I have a Kubota M704 (68 hp), and a 9'9" JD mo-co I bought a couple months ago. I cut some THICK Hermothia today for planting grass, & it was all the tractor wanted. It'll cut OK, but I had to slow to 3 lo range to keep it from bogging down.


----------



## Edster (Feb 23, 2010)

bbean I just upgraded from an IH990 to a NH 1411 discbine. Min. hp required is 80hp. I can give ya a good deal on the 990 that way you can cut twice as fast.









Been right where you are now. My fields are thick and heavy and molasses ran quicker in December than I could cut with the 990. The real HP hog is the conditioner. You can find disc mowers that require alot less hp. I looked at a Vermeer 8'-0 cut that could be run with 35 hp. Add a conditioner and now you are up to 75 to 80 hp. I'm in Maine too and I wouldn't want to try to make hay without a conditioner. THe folks acroos from my field do it without a conditioner and they are waiting one to two days more for the hay to dry.

SO I guess you have two choices. Get a tractor with more hp, or find a disc mower and an old conditioner. I saw a conditioner on Craig's list just this past weekend for short money.


----------



## North Maine (Jul 1, 2011)

Edster my friend has a NH 1411, and he ran it on his JD 3020 with about 70 PTO HP and it ran like a champ all day never bogging or stressing the tractor, so I think NH is a little high on their min. HP requirements... I think a torqy 60-70 HP tractor with 1000 rpm PTO handles the 1411 quite nicely. You are right though, even up here conditioning is a necessity.


----------



## Edster (Feb 23, 2010)

North Maine said:


> Edster my friend has a NH 1411, and he ran it on his JD 3020 with about 70 PTO HP and it ran like a champ all day never bogging or stressing the tractor, so I think NH is a little high on their min. HP requirements... I think a torqy 60-70 HP tractor with 1000 rpm PTO handles the 1411 quite nicely. You are right though, even up here conditioning is a necessity.

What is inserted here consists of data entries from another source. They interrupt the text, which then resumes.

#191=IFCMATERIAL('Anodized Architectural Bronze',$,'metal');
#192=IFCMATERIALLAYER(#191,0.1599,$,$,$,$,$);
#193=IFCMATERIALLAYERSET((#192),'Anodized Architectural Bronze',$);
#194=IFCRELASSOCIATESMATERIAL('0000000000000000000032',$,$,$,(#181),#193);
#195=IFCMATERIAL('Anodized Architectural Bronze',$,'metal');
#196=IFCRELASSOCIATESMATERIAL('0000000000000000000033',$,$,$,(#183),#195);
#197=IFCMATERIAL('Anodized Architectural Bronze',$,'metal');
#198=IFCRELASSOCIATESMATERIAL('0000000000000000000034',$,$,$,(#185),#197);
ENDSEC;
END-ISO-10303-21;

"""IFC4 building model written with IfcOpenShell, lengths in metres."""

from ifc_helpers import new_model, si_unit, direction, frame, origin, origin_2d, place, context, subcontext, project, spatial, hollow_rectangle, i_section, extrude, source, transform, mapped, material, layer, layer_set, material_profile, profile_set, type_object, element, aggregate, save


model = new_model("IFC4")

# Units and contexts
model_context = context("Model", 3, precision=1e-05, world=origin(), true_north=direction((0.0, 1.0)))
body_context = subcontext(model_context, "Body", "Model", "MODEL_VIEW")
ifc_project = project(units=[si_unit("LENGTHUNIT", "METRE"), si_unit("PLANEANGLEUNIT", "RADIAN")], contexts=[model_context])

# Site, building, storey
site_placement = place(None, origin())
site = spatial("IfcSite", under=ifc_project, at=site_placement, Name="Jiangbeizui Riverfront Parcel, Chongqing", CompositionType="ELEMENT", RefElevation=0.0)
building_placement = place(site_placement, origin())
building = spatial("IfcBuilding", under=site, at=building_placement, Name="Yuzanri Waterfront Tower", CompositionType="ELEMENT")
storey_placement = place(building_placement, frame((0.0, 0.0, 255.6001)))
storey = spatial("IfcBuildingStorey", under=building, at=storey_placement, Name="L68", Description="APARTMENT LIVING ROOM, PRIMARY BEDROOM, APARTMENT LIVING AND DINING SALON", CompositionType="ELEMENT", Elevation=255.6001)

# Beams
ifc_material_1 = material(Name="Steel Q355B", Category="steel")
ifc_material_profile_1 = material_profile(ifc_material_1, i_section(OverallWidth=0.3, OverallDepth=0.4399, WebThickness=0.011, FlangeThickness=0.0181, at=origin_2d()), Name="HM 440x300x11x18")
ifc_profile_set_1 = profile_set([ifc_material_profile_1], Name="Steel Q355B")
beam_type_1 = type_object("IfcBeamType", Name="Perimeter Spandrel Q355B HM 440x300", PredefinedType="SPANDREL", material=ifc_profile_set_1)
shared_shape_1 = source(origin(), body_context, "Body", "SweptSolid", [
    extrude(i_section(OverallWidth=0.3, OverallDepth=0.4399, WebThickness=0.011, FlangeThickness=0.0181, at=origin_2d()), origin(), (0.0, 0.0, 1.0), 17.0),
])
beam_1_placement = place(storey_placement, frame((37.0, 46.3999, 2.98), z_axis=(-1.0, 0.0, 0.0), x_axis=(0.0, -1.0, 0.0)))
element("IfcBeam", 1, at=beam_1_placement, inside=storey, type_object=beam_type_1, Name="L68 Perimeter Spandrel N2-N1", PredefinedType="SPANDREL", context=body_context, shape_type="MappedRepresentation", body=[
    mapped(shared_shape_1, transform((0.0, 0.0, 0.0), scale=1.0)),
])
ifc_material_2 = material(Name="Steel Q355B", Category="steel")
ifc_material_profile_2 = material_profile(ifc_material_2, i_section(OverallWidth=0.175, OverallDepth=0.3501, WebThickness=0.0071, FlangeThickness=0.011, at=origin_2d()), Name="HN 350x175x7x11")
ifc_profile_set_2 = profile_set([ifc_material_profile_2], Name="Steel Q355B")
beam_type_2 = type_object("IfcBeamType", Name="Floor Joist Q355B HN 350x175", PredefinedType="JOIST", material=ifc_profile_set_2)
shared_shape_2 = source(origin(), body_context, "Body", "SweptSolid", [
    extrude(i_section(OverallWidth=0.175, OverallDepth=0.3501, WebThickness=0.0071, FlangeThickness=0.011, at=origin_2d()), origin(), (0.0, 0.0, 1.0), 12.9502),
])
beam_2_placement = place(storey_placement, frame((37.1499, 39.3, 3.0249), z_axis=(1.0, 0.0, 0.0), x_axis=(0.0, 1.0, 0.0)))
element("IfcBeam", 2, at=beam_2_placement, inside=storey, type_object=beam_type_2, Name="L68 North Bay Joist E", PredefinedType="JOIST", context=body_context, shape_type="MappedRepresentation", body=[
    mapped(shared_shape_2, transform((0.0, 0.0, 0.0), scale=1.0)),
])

The one I got is 540 PTO. Not taking any chances gonna run it behind the Massey 1100---94hp at the PTO. Guy I bought it from ran it behind a Ford/New Holland 85hp.

The


----------



## carcajou (Jan 28, 2011)

i'm quite sure your tractor will handle one of the smaller discbines, all you need to do is go slower. If you don't have lots of acres to cover nothing wrong with cutting at 5 mph or so. On the plus side the smaller sized disc cutters sell cheap ( a least around here) so you may get a good deal. Mixed grass hay... discbine for sure!


----------



## mjsneed99 (May 19, 2011)

I have a 1411 and run it with a New Holland 7635. The pto hp for my tractor is rated at 86hp. I wish i had a bigger tractor to run it. I can mow 20 acres in 1 1/2 hours and could run faster but my fields are a little rough. If you deceide to go with the discbine you will need more hp. The only problem i have ran into is on hilly ground my tractor gets hot and I have to slow down.


----------



## Larry (Mar 28, 2011)

If you want to travel at a decent speed 6-7 MPH (flat ground) you would need a good 70hp tractor with a 9ft disc mower/conditioner. I have a CIH 3309 disc mower conditioner that for 19 years I've used a 970 Case on it which is about 95 pto hp traveling at 8 mph. I have also used a Belarus 825 which is about 75-80 pto hp and it handled it fine too in heavy stuff. I think a 50hp tractor could run one but ... if you have hills your going to be in trouble and on flat ground you will have to drop your speed. Ideally you should go and hook on to one and make a few rounds and see how it works. If the crop is really lodged and its tough grass it does take hp. But with that said the faster you drive the more HP it takes to run it. In lighter hay crops it doesn't require a whole lot of hp.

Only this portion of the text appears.